Race and Diversity at Utah Colleges

by Gordon Jones

An article in the Salt Lake Tribune of 18 May conveys some good news and a dire warning of future mischief.

The article asks “how many women and minorities are faculty at Utah’s universities.” The good news is (tho that is not at all the conclusion of the reporter, or of her sources), again in the words of the article, “no one really knows.”

I regard it as profoundly encouraging that, though the Utah Board of Regents, the supervisory body over the state’s eight public institutions of higher learning, has asked the schools for this information for 34 years, none of them have ever supplied it.

Why do I regard this dereliction of duty as a ray of sunshine? Quite simply because no one can or should know the answer to the question, and the compliance failure might, just might, signal that our long national obsession with minority classifications is fading.

I don’t know exactly how the Board of Regents phrases its demand to the schools, but I do know that in seeking tax-exempt status from the Internal Revenue Service, colleges are required to report “the racial composition …of (a) the student body, (b) the faculty, and (c) the administrative staff.” I know that because Mount Liberty College, the nascent liberal arts college my colleagues and I are in the process of founding, is being asked that question.

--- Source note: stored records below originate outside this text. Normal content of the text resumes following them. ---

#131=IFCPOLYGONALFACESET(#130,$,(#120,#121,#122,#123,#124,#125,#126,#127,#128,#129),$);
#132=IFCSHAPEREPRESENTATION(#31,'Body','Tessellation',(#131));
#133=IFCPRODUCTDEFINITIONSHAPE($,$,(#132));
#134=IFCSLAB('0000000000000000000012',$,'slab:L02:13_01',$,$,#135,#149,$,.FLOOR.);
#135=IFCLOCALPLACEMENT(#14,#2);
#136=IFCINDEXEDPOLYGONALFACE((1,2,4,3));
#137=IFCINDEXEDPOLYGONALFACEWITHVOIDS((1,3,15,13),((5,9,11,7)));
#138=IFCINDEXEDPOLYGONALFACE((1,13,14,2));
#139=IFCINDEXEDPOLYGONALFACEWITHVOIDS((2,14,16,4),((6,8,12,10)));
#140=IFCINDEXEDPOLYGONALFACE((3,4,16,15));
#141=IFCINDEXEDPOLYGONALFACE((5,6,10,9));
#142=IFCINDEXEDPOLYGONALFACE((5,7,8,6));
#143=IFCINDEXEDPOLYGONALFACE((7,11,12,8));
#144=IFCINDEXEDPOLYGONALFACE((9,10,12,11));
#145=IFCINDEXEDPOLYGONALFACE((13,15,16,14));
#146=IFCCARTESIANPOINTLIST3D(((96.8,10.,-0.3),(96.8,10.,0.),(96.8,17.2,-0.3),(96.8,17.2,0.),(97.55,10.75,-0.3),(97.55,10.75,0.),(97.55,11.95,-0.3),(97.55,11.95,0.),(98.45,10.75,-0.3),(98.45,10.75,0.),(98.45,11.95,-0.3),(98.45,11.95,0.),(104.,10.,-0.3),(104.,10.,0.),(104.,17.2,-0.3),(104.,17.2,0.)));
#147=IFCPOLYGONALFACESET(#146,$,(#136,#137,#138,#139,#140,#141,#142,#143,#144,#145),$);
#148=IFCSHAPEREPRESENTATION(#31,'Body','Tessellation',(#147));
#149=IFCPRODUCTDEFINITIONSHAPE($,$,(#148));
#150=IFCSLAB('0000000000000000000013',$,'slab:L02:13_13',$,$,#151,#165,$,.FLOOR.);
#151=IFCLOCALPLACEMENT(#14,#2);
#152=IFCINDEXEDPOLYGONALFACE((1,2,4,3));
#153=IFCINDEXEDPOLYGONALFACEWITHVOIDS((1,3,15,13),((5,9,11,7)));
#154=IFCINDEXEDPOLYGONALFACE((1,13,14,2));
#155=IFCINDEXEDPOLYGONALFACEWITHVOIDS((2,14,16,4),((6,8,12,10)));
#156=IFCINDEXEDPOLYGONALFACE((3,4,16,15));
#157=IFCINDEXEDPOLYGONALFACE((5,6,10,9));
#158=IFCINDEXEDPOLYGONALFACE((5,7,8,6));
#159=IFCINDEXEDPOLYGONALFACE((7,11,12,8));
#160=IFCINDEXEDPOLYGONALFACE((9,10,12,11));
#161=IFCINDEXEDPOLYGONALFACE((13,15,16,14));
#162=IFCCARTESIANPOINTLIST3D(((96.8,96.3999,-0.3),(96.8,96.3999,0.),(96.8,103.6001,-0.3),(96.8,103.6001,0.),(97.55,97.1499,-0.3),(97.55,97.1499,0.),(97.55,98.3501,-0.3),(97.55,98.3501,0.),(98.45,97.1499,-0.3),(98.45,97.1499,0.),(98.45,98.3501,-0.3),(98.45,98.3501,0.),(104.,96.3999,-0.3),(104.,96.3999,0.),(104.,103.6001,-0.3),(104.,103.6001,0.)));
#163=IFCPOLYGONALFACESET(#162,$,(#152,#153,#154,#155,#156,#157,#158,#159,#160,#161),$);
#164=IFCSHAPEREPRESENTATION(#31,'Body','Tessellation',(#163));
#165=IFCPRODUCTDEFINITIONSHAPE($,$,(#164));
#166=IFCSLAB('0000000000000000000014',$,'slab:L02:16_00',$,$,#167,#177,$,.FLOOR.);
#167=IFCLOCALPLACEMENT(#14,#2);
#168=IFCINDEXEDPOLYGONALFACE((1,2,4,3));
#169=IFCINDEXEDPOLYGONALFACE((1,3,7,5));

The only honorable answer to such a question is “we don’t know, and we don’t care.”

Mount Liberty does not discriminate in employment, admissions, or financial aid on the basis of race, gender, ethnicity, religion, country of origin, or any other criterion except the ability to do the work we require. Frankly, the only reason to ask prospective employees, faculty, or students for that information would be for the purpose of discriminating (see below), and since we do not discriminate, we have no need for it.

But even if we asked for it, how could we trust the answers? As Elizabeth Warren has (interminably) reminded us, we are all pretty sketchy about our own racial and ethnic background. If we were to ask, a student might report her race as “black” (or whatever euphemism is currently in vogue), but how do we know she is telling the truth? She might think she is black (or she may be passing), but as we learned not long ago from Strom Thurmond, surprises in our heritage abound.

Utah is required by federal law to track the ethnicity of those to whom it issues drivers’ licenses. The purpose of this intrusion is to determine if the Highway Patrol is more likely to ticket members of some groups than others. The options include Spanish, Hispanic, Latino, Mexican, Mexican American, Chicano, Puerto Rican, and Cuban. I wonder how Latino arrest rates compare with Hispanic, or, for that matter, Chamorro, another option.

The federal census asks about race and has done since 1790. But the results are changing rapidly, and are likely to continue to do so. The 2010 census found, for example, that “Some Other Race” was the third most common response, and there is a very real possibility that next year, SOR will overtake Black, and be the second-largest racial classification in the United States. This possibility is terrifying to those who make their living splitting hairs. “People are increasingly not answering the race question,” says Roberto Ramirez of the Census Bureau. “They are not identifying with the current categories.”

Terrifying to Mr. Ramirez, who is “trying to come up with a [better] question.” But I am frightfully bucked by this trend. I suspect that the popularity of “other” is as much a result of disgust with the whole idea of racial classification as anything else. It certainly is for me, for I am one of those terrible people Mr. Ramirez fears: I report my own race as “other.” (Years ago, when I was required to report the ethnic heritage of my children to the IRS, I put them all down as Hispanic. After all, their grandmother was born in Mexico. I thought it might help them get into Yale. It didn’t.)

The situation with respect to gender is hardly better and is potentially even riskier. No one is likely to object much to a gender question on an application form, but the traditional dichotomous gender division is under serious attack. Sally today may be Solly tomorrow, and Heaven help any college administrator who makes assumptions in these matters if Solly decides to take offense.

At the beginning of this article, I mentioned that this requirement poses a danger, and here it is: the only possible reason for seeking this kind of information is to facilitate political intervention in academia.

The article admits as much.

Following a description of the racial and gender composition of the faculty at the University of Utah, the article notes that “Ruth Watkins [President] at the University of Utah and Astrid Tuminez [President] at Utah Valley University— have expressly made it their goal to hire more diverse staffs.” Not the best staffs. Not even better staffs. The goal here is not improving the instruction of the student body. It is the continuing sacrifice of institutions of higher learning on the altar of diversity, a diversity that diminishes daily, as the examples of Steph Curry and Kamala Harris remind us (not to mention Tiger Woods and Cory Booker).

Jeff Olsen, Provost at Utah Valley University describes the process. (I paraphrase here from the Tribune article.) Because men tend to have more experience, UVU has “re-evaluated” the requirements for faculty applicants, lowering the number of years of experience required. It has also “broadened its definition of experience to attract more candidates.”

In other words, in pursuit of an increasingly irrelevant will-o-the-wisp, UVU is intentionally seeking to hire less-qualified applicants. How the student body will benefit from being taught by less-qualified and less-experienced teachers is not explained. But it doesn’t matter, because education is no longer the mission of higher education in America.